A multi-model AI orchestration MCP server for automated code review and LLM-powered analysis. Multi-MCP integrates with Claude Code CLI to orchestrate multiple AI models (OpenAI GPT, Anthropic Claude, Google Gemini) for code quality checks, security analysis (OWASP Top 10), and multi-agent consensus. Built on the Model Context Protocol (MCP), this tool enables Python developers and DevOps teams to automate code reviews with AI-powered insights directly in their development workflow.

Demo Video

Features

🔍 Code Review - Systematic workflow with OWASP Top 10 security checks and performance analysis
💬 Chat - Interactive development assistance with repository context awareness
🔄 Compare - Parallel multi-model analysis for architectural decisions
🎭 Debate - Multi-agent consensus workflow (independent answers + critique)
🤖 Multi-Model Support - OpenAI GPT, Anthropic Claude, Google Gemini, and OpenRouter
🖥️ CLI & API Models - Mix CLI-based (Gemini CLI, Codex CLI) and API models
🏷️ Model Aliases - Use short names like mini, sonnet, gemini
🧵 Threading - Maintain context across multi-step reviews

How It Works

Multi-MCP acts as an MCP server that Claude Code connects to, providing AI-powered code analysis tools:

Install the MCP server and configure your AI model API keys
Integrate with Claude Code CLI automatically via make install
Invoke tools using natural language (e.g., "multi codereview this file")
Get Results from multiple AI models orchestrated in parallel

Performance

Fast Multi-Model Analysis:

⚡ Parallel Execution - 3 models in ~10s (vs ~30s sequential)
🔄 Async Architecture - Non-blocking Python asyncio
💾 Conversation Threading - Maintains context across multi-step reviews
📊 Low Latency - Response time = slowest model, not sum of all models

Quick Start

Prerequisites:

Python 3.11+
API key for at least one provider (OpenAI, Anthropic, Google, or OpenRouter)

Installation

Option 1: From Source

# Clone and install
git clone https://github.com/religa/multi_mcp.git
cd multi_mcp
# Execute ./scripts/install.sh
make install

# The installer will:
# 1. Install dependencies (uv sync)
# 2. Generate your .env file
# 3. Automatically add to Claude Code config (requires jq)
# 4. Test the installation

Option 2: Manual Configuration

If you prefer not to run make install:

# Install dependencies
uv sync

# Copy and configure .env
cp .env.example .env
# Edit .env with your API keys

Add to Claude Code (~/.claude.json), replacing /path/to/multi_mcp with your actual clone path:

{
  "mcpServers": {
    "multi": {
      "type": "stdio",
      "command": "/path/to/multi_mcp/.venv/bin/python",
      "args": ["-m", "multi_mcp.server"]
    }
  }
}

Configuration

Environment Configuration (API Keys & Settings)

Multi-MCP loads settings from .env files in this order (highest priority first):

Environment variables (already set in shell)
Project .env (current directory or project root)
User .env (~/.multi_mcp/.env) - fallback for pip installs

Edit .env with your API keys:

# API Keys (configure at least one)
OPENAI_API_KEY=sk-...
ANTHROPIC_API_KEY=sk-ant-...
GEMINI_API_KEY=...
OPENROUTER_API_KEY=sk-or-...

# Azure OpenAI (optional)
AZURE_API_KEY=...
AZURE_API_BASE=https://your-resource.openai.azure.com/

# AWS Bedrock (optional)
AWS_ACCESS_KEY_ID=...
AWS_SECRET_ACCESS_KEY=...
AWS_REGION_NAME=us-east-1

# Model Configuration
DEFAULT_MODEL=gpt-5-mini
DEFAULT_MODEL_LIST=gpt-5-mini,gemini-3-flash

Model Configuration (Adding Custom Models)

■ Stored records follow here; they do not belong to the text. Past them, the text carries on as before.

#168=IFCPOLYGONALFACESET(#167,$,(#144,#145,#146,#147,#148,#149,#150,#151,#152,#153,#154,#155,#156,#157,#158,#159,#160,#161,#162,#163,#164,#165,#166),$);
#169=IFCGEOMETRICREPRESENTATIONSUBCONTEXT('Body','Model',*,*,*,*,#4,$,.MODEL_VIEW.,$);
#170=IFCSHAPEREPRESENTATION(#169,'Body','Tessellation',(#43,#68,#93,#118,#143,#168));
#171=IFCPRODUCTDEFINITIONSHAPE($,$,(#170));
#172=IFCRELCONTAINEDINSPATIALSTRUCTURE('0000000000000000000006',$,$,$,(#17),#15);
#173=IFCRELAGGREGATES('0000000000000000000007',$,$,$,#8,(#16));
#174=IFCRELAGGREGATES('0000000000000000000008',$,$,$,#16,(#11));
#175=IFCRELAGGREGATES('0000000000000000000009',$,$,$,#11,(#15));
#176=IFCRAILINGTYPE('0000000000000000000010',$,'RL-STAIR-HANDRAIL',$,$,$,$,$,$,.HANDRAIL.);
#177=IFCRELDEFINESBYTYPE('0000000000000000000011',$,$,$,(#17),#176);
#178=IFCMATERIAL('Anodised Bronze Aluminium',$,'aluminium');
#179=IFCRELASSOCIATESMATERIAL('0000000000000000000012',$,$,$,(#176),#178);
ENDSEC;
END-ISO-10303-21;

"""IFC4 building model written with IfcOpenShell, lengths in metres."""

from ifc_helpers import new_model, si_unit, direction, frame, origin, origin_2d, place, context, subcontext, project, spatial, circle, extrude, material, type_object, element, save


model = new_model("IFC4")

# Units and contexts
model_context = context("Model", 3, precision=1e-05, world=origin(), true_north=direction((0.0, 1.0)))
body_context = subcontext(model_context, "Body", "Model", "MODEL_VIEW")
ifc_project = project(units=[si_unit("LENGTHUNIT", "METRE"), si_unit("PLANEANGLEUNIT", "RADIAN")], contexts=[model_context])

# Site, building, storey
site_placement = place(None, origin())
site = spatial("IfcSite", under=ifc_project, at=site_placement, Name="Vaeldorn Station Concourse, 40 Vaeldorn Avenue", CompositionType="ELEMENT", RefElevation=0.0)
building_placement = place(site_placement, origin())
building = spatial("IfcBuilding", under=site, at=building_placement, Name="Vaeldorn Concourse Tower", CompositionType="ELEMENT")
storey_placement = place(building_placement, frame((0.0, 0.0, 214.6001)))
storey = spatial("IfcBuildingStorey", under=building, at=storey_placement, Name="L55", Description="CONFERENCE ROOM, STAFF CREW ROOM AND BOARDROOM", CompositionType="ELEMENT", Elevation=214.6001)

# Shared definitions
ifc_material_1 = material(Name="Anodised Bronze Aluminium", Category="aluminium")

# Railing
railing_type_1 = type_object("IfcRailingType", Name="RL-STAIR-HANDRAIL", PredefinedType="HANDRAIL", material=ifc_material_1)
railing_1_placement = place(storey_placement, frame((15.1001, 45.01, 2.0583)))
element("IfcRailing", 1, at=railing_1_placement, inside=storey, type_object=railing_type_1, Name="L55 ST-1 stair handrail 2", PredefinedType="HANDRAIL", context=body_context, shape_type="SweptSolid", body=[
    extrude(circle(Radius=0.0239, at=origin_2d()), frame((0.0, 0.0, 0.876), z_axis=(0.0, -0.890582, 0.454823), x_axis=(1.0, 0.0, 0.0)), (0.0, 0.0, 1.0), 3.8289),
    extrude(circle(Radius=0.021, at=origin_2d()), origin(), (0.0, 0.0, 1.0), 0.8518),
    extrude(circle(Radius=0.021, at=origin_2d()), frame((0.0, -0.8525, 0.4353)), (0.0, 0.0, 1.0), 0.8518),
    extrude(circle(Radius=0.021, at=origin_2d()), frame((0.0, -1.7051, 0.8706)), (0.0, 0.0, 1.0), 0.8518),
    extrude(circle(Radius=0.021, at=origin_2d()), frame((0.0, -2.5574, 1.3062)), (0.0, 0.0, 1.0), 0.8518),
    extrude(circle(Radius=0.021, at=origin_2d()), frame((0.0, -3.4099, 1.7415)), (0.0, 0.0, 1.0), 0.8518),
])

Models are defined in YAML configuration files (user config wins):

Package defaults: multi_mcp/config/config.yaml (bundled with package)
User overrides: ~/.multi_mcp/config.yaml (optional, takes precedence)

To add your own models, create ~/.multi_mcp/config.yaml (see config.yaml and config.override.example.yaml for examples):

version: "1.0"

models:
  # Add a new API model
  my-custom-gpt:
    litellm_model: openai/gpt-4o
    aliases:
      - custom
    notes: "My custom GPT-4o configuration"

  # Add a custom CLI model
  my-local-llm:
    provider: cli
    cli_command: ollama
    cli_args:
      - "run"
      - "llama3.2"
    cli_parser: text
    aliases:
      - local
    notes: "Local LLaMA via Ollama"

  # Override an existing model's settings
  gpt-5-mini:
    constraints:
      temperature: 0.5  # Override default temperature

Merge behavior:

New models are added alongside package defaults
Existing models are merged (your settings override package defaults)
Aliases can be "stolen" from package models to your custom models

Usage Examples

Once installed in Claude Code, you can use these commands:

💬 Chat - Interactive development assistance:

Can you ask Multi chat what's the answer to life, universe and everything?

🔍 Code Review - Analyze code with specific models:

Can you multi codereview this module for code quality and maintainability using gemini-3 and codex?

🔄 Compare - Get multiple perspectives (uses default models):

Can you multi compare the best state management approach for this React app?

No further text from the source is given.